Amber is a mineral with a hardness of 2 out of 10 on the Mohs scale of mineral hardness [?]. These Amorphously structured gems are made of organic resin, their full chemical compound being C10H16O.

Amber is one of the few organic gemstones that exist. Amber is made when tree resin is fossilized. Most people I speak with directly think that its sap, but this is not the case. The word sap and resin are used almost interchangeably but there are a few differences. Sap is the sugar and water mixture found in trees, while resin is the liquid that oozes from cuts in the trees outer shell.

Due to its wide availability most amber gems are fairly affordable, unless you can find one with an inclusion of something like and ant or other bug.

When many people think of amber they think of the Mosquito trapped in amber in the movie Jurasic Park. While the movie itself was fiction the inclusion of such insects is not.
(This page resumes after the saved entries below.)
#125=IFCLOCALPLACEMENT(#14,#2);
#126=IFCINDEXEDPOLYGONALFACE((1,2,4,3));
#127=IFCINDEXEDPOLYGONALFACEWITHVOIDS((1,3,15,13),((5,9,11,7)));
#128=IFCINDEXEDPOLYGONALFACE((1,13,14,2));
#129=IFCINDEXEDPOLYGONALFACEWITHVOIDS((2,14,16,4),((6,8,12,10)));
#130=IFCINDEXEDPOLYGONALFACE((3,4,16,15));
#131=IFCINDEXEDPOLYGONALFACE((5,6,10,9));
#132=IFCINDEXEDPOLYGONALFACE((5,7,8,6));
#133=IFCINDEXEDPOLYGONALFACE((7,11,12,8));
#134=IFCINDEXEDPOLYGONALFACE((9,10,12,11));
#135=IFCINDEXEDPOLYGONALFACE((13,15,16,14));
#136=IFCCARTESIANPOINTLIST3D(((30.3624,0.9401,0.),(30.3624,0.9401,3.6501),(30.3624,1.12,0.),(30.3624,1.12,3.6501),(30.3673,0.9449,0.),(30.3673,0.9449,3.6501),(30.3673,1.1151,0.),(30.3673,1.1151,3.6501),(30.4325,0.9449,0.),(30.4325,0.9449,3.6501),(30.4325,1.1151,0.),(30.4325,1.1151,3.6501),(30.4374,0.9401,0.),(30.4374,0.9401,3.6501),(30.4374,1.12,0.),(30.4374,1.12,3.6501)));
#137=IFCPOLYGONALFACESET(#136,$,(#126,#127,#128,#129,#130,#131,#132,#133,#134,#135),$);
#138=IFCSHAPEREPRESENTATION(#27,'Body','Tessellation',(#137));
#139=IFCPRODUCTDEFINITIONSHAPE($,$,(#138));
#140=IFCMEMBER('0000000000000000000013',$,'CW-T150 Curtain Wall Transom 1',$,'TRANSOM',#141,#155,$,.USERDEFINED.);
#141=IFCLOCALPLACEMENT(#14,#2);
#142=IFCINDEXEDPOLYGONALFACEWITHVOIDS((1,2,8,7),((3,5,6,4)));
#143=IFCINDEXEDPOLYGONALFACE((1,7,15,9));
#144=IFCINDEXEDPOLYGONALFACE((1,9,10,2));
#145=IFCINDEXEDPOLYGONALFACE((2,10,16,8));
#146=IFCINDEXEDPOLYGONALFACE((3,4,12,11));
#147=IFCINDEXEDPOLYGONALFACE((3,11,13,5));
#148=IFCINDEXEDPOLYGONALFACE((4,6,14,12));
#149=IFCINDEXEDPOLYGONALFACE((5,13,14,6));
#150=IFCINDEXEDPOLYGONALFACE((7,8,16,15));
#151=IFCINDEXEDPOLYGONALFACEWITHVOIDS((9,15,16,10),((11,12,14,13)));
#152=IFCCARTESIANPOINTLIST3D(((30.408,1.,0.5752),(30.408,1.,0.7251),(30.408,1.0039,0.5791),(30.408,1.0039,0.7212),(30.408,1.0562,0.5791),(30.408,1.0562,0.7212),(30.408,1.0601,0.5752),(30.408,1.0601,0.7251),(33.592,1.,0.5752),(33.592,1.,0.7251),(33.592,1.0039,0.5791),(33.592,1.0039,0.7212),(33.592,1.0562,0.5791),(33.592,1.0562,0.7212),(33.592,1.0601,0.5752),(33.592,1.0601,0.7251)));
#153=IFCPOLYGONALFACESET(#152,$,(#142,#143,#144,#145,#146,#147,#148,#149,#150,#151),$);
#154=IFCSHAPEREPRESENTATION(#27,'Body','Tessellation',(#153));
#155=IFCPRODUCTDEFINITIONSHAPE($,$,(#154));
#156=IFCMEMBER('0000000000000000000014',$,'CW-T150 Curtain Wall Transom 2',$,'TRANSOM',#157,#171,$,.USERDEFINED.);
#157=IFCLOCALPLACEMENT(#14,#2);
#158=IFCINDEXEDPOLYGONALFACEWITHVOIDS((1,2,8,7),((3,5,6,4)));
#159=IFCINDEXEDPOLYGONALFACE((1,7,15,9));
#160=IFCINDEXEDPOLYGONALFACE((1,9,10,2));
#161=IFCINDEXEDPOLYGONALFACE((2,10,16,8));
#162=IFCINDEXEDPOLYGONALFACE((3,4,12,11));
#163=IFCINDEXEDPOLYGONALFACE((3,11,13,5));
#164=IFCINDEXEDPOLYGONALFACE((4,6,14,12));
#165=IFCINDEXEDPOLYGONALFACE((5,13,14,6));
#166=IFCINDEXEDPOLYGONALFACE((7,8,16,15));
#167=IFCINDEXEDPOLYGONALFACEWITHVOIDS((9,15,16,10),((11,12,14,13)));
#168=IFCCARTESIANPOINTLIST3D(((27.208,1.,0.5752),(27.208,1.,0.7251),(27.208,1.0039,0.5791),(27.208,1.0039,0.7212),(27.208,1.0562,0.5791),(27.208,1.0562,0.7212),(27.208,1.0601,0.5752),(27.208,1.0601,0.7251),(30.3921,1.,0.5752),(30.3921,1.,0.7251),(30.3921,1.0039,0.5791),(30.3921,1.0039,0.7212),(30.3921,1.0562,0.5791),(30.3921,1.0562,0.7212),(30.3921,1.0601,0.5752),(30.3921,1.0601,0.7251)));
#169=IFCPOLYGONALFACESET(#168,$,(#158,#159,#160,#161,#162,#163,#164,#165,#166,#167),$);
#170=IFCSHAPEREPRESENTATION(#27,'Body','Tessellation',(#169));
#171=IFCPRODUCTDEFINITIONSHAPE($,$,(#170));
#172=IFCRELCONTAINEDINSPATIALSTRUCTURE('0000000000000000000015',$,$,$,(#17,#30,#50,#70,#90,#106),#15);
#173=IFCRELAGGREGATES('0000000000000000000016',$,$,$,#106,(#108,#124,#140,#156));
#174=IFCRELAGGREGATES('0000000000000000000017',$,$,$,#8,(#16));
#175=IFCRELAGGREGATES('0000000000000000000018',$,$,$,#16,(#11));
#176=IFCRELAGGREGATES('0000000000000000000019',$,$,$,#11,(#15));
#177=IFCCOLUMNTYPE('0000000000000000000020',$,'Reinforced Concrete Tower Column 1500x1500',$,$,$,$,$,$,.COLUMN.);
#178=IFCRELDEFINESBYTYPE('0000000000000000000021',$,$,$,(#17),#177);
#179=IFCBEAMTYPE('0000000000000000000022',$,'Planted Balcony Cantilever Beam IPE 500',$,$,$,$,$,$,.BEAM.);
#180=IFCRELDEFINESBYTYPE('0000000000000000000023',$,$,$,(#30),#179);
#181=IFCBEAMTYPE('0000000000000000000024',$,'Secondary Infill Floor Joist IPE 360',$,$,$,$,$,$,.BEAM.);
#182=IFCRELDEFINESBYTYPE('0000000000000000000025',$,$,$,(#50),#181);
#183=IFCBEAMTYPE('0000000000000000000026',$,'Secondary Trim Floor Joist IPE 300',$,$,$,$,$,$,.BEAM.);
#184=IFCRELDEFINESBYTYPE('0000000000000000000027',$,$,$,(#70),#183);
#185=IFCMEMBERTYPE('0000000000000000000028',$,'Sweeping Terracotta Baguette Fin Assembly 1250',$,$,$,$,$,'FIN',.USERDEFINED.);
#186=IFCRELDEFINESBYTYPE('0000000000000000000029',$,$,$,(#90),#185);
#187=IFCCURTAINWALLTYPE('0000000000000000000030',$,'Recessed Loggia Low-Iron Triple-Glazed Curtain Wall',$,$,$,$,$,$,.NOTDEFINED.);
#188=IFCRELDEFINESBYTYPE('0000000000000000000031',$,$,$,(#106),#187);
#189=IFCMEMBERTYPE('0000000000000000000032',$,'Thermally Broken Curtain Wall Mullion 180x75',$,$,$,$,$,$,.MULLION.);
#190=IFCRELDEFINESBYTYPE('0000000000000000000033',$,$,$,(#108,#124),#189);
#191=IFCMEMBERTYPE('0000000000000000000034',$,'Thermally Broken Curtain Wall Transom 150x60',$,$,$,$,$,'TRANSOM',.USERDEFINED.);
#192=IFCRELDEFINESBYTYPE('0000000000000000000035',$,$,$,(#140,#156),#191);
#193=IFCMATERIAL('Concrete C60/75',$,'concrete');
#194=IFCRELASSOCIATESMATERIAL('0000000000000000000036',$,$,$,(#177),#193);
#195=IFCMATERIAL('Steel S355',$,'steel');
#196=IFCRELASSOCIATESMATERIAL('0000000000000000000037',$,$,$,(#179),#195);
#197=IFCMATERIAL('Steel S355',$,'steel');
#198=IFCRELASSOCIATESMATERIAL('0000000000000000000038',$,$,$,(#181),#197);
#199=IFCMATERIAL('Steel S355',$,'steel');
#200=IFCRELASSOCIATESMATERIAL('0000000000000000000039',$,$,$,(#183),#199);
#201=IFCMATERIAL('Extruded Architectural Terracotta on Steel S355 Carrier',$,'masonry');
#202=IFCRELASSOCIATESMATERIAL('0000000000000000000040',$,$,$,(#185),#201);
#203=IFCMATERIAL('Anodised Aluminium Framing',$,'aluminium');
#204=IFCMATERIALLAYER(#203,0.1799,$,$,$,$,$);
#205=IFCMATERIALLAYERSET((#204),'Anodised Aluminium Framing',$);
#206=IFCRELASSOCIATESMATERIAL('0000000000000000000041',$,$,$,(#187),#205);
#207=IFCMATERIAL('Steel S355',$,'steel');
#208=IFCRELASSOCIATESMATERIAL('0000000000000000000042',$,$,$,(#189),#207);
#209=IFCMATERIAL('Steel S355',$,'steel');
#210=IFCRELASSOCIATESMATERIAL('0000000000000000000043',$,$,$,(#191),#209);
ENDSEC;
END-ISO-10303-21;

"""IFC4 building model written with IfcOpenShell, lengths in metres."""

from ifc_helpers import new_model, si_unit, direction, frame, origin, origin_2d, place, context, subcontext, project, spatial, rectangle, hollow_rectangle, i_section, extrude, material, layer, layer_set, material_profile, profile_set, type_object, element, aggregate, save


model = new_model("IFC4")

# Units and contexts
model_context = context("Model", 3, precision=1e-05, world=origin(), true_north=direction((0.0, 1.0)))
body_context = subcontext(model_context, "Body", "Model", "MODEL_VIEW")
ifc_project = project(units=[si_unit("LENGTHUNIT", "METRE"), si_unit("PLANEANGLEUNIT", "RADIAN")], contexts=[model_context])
Caution when attempting to buy quality amber as only 15% of all amber is clean enough to sell as is. The rest is processed and made into Ambroid, and its very hard to tell the difference. So make sure you are buying Amber, and not Ambroid.

The specific gravity [?] for Amber is 1.08, it's refractive index [?] is 1.54-1.55, and it's double refraction [?] is N/A.
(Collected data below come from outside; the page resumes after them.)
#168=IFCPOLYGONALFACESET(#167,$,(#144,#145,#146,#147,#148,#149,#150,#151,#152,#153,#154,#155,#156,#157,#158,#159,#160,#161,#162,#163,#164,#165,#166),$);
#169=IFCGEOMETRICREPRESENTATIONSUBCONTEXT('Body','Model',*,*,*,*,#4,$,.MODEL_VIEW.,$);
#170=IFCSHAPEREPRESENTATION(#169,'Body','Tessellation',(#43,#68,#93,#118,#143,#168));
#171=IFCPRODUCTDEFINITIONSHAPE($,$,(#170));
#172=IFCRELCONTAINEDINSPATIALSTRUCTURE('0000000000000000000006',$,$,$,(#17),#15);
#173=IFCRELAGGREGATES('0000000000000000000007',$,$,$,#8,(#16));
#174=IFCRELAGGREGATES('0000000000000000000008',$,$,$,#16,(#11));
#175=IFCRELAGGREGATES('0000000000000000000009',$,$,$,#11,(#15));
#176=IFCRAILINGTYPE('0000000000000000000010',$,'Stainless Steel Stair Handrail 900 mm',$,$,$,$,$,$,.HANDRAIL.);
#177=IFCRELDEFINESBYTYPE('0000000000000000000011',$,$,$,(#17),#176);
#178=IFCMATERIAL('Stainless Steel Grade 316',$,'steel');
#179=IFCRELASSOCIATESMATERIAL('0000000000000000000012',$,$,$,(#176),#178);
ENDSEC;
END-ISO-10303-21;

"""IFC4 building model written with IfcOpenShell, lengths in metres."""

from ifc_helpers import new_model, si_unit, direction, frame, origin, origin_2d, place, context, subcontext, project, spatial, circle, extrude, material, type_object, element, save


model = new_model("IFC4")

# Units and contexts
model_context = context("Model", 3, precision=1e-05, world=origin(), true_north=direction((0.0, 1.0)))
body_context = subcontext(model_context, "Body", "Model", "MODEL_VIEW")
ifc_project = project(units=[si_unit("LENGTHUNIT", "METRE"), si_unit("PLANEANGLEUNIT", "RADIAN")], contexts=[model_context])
The word Amber comes from the Arabic/Aramaic word anbar. Amber has been associated in the past with the Greek god of the sun Helios.

Amber from the Baltics has been traded on the Amber road since antiquity

Baltic Amber has been called the gold of the north, and is assumed to be one of the earliest known gems used for trading.

Industrial Usages

Amber has very little industrial usage. It is however used in making incense, smokers, cigar cases, and tobacco pipes.